Sawada K, Mizoguchi K, Hishida A, Kaneko E, Koide Y, Nishimura K, Kimura M
First Department of Medicine, Hamamatsu University School of Medicine, Japan.
Clin Nephrol. 1996 May;45(5):289-94.
A point mutation in exon 6 of the alpha-galactosidase A gene (alpha-GAL A) was found in a Japanese hemizygous male without typical manifestations of Fabry disease other than renal involvement. This 45-year-old man developed moderate proteinuria and was diagnosed with Fabry disease on the basis of renal histologic findings and prominent decreases in alpha-GAL A activity in his plasma, urine, leukocytes, and skin fibroblasts. Determination of the cDNA sequence of his alpha-GAL A gene revealed substitution of a G to A in codon 301, resulting in a glutamine rather than an arginine residue. Our case is unique in that this patient only demonstrated renal manifestations while all other reported patients with atypical Fabry disease, including a case with the identical point mutation, present with a cardiomyopathy. Direct DNA sequencing of exon 6 and measurement of alpha-GAL A activity among the patient's family confirmed that the mutation was transmitted from his mother.

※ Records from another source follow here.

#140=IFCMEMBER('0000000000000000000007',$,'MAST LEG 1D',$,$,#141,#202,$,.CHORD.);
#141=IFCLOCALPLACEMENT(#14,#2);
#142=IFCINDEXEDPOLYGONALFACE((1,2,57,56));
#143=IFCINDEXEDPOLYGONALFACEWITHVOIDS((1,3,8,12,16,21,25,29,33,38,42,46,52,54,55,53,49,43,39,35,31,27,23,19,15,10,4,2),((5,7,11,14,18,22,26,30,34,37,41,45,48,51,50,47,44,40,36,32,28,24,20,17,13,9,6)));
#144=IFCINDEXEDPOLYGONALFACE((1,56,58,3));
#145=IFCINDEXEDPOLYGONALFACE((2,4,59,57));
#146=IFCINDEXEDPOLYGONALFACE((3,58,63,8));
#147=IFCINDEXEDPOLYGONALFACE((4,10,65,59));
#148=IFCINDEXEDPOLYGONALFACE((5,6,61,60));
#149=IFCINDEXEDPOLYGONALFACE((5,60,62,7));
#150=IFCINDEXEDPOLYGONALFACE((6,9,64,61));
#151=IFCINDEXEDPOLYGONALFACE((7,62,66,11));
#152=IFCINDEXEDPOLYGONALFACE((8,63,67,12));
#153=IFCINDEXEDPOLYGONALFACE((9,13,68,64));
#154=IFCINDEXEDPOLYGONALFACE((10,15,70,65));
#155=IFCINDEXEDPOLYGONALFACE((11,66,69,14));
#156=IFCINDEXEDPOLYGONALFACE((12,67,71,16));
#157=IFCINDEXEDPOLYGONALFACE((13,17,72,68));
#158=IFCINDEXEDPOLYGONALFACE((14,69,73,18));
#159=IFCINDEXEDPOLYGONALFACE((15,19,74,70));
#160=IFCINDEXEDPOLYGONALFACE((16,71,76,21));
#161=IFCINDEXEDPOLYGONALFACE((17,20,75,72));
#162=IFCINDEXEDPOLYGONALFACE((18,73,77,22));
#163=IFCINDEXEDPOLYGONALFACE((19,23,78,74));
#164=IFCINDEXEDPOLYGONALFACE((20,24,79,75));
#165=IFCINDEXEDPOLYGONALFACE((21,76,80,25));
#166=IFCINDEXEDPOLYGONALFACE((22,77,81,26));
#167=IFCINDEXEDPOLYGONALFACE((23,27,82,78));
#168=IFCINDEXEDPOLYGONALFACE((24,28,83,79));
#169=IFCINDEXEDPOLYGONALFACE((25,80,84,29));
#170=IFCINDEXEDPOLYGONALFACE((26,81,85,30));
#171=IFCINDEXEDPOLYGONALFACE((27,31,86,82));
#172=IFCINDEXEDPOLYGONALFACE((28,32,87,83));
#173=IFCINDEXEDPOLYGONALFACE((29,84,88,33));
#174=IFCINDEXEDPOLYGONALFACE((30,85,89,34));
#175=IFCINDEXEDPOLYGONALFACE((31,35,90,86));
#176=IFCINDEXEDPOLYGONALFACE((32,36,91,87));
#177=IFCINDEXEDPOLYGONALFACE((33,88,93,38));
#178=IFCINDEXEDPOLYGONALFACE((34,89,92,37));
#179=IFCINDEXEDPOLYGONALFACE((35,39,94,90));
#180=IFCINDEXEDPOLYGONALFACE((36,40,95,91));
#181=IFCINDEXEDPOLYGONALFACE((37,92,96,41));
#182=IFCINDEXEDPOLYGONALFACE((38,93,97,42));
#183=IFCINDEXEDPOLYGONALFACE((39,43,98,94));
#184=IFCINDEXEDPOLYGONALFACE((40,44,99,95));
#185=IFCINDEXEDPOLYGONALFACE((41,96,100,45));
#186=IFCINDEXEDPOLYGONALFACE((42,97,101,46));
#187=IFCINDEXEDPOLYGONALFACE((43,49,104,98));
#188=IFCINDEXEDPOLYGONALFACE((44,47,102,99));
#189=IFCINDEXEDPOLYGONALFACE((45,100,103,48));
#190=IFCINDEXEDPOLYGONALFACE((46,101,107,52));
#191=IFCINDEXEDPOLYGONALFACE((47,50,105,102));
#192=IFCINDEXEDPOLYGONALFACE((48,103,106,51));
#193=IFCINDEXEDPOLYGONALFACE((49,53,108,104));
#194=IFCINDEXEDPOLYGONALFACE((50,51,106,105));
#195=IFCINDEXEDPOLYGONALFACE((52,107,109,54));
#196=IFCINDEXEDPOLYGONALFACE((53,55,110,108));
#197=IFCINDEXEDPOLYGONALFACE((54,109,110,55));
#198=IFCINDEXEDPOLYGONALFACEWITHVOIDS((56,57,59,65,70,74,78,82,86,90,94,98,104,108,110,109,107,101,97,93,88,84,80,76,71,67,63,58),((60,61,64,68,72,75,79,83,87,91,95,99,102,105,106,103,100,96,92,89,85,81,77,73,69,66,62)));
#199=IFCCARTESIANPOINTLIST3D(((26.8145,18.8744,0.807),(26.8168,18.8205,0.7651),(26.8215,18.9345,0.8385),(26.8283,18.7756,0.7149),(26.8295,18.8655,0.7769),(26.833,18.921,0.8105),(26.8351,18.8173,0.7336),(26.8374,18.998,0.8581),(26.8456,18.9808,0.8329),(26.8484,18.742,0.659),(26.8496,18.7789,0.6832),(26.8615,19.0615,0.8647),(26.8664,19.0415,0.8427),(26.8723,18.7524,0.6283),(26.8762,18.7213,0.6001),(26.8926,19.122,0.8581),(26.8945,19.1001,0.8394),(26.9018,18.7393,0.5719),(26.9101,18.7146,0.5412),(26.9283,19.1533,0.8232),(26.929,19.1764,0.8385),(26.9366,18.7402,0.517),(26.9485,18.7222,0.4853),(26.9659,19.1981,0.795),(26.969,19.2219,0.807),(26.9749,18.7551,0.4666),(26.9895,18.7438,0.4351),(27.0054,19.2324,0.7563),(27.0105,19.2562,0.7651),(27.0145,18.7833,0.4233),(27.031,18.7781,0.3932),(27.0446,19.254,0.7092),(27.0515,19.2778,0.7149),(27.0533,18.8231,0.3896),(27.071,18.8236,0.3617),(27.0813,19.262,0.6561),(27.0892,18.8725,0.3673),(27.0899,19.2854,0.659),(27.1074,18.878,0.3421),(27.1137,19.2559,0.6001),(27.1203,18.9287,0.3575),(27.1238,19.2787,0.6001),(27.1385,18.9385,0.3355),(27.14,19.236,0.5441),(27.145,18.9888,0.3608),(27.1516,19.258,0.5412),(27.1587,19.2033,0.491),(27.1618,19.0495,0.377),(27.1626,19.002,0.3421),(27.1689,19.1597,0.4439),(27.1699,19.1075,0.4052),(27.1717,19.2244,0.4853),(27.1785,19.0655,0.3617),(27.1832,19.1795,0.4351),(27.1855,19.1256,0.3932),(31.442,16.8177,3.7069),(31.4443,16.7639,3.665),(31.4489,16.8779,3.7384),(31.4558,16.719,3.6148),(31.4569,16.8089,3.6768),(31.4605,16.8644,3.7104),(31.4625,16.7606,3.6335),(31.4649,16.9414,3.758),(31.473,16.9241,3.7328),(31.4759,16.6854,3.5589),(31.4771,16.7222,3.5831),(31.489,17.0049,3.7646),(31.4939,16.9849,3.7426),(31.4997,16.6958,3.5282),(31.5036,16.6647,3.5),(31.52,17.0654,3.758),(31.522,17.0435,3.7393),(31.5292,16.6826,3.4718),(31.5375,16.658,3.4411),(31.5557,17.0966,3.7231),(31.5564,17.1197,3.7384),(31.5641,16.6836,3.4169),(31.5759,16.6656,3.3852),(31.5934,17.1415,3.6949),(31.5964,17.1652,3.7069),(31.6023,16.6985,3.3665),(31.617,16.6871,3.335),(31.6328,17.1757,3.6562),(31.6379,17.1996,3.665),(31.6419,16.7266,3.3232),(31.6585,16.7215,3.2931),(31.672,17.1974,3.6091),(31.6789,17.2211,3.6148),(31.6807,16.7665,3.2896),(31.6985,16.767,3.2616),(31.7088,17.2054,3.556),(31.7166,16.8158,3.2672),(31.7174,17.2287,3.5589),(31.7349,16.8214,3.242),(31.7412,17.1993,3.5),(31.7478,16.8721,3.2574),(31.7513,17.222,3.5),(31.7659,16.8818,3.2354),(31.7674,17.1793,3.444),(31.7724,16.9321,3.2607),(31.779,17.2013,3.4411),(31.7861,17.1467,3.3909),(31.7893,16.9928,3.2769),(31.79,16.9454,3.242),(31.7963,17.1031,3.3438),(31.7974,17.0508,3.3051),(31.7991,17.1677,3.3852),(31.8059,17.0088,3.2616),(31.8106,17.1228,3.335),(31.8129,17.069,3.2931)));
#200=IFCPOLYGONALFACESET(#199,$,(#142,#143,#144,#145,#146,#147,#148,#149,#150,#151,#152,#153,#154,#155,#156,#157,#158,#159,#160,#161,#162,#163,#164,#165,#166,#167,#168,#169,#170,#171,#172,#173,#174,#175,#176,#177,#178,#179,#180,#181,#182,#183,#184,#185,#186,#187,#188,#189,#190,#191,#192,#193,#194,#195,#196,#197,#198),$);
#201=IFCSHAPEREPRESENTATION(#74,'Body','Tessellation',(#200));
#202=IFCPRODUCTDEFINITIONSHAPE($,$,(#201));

在一名日本半合子男性中发现了α-半乳糖苷酶A基因(α-GAL A)第6外显子的一个点突变,该男性除肾脏受累外无典型的法布里病表现。这名45岁的男性出现中度蛋白尿,根据肾脏组织学检查结果以及其血浆、尿液、白细胞和皮肤成纤维细胞中α-GAL A活性显著降低,被诊断为法布里病。对其α-GAL A基因的cDNA序列测定显示,密码子301处的G被A取代,导致产生一个谷氨酰胺残基而非精氨酸残基。我们的病例很独特,因为该患者仅表现出肾脏症状,而所有其他报道的非典型法布里病患者,包括一例具有相同点突变的病例,均表现为心肌病。对该患者家族成员的第6外显子进行直接DNA测序以及测量α-GAL A活性,证实该突变是由其母亲遗传而来。